Created attachment 98804 [details] update w/ more feedback from tony
Created attachment 99420 [details] patch for landing after rebasing to HEAD
Fixed in r90419.
IMO the right way to fix all of this http sharding is to use port redirection in the DRT instance, and to start the http server with a custom port. That's more work, but is a better long term solution than any of these locks or hacks we've added in the past. :)

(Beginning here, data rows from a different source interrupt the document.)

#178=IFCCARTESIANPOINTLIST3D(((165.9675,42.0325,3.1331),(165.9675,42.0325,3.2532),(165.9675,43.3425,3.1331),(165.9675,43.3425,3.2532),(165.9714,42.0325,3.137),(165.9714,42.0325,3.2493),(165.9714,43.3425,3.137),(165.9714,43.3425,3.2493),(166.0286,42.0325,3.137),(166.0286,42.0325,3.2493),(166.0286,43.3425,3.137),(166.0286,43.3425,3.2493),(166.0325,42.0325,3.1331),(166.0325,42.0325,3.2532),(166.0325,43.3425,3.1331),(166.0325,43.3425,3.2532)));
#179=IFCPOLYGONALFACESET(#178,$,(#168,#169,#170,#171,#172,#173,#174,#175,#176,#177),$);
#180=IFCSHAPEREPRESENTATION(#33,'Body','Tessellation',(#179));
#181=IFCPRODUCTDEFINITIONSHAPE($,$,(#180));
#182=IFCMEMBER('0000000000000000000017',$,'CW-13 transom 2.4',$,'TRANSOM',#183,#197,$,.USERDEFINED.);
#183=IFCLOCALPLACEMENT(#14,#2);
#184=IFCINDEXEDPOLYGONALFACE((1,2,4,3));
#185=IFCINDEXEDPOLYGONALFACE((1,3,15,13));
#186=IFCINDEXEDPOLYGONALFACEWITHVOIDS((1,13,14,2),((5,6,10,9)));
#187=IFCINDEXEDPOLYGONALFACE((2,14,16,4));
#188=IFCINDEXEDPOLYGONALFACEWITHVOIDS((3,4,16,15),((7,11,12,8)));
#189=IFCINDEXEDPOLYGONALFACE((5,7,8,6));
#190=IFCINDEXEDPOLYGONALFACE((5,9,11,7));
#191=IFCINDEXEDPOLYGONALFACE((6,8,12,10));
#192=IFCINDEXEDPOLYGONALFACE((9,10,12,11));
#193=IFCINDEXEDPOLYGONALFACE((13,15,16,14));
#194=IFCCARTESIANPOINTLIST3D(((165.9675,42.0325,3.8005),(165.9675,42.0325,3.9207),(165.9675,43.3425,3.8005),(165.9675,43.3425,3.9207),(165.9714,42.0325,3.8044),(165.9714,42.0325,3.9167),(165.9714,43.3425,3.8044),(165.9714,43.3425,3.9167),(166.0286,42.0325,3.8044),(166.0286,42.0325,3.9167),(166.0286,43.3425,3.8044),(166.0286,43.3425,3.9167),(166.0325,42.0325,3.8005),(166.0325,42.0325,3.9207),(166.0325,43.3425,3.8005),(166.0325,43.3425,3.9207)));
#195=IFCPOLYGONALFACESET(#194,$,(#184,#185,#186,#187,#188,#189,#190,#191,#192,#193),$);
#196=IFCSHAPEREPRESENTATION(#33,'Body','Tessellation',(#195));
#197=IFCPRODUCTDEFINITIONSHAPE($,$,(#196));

(In reply to comment #18) > IMO the right way to fix all of this http sharding is to use port redirection in the DRT instance, and to start the http server with a custom port. That's more work, but is a better long term solution than any of these locks or hacks we've added in the past. :) Eric, did you mean for this comment to be on bug 75958 instead? At any rate, I think you're conflating two things ... this feature is about being able to run multiple http tests in parallel in a single NRWT run; the reason we don't do that today is because we're concerned about overloading the http server and/or inter-test dependencies. I don't know if running on different http ports would make this better or worse, but it shouldn't be necessary, regardless. I think you're talking about running multiple http servers on different ports so that multiple separate nrwt runs can occur in parallel, right?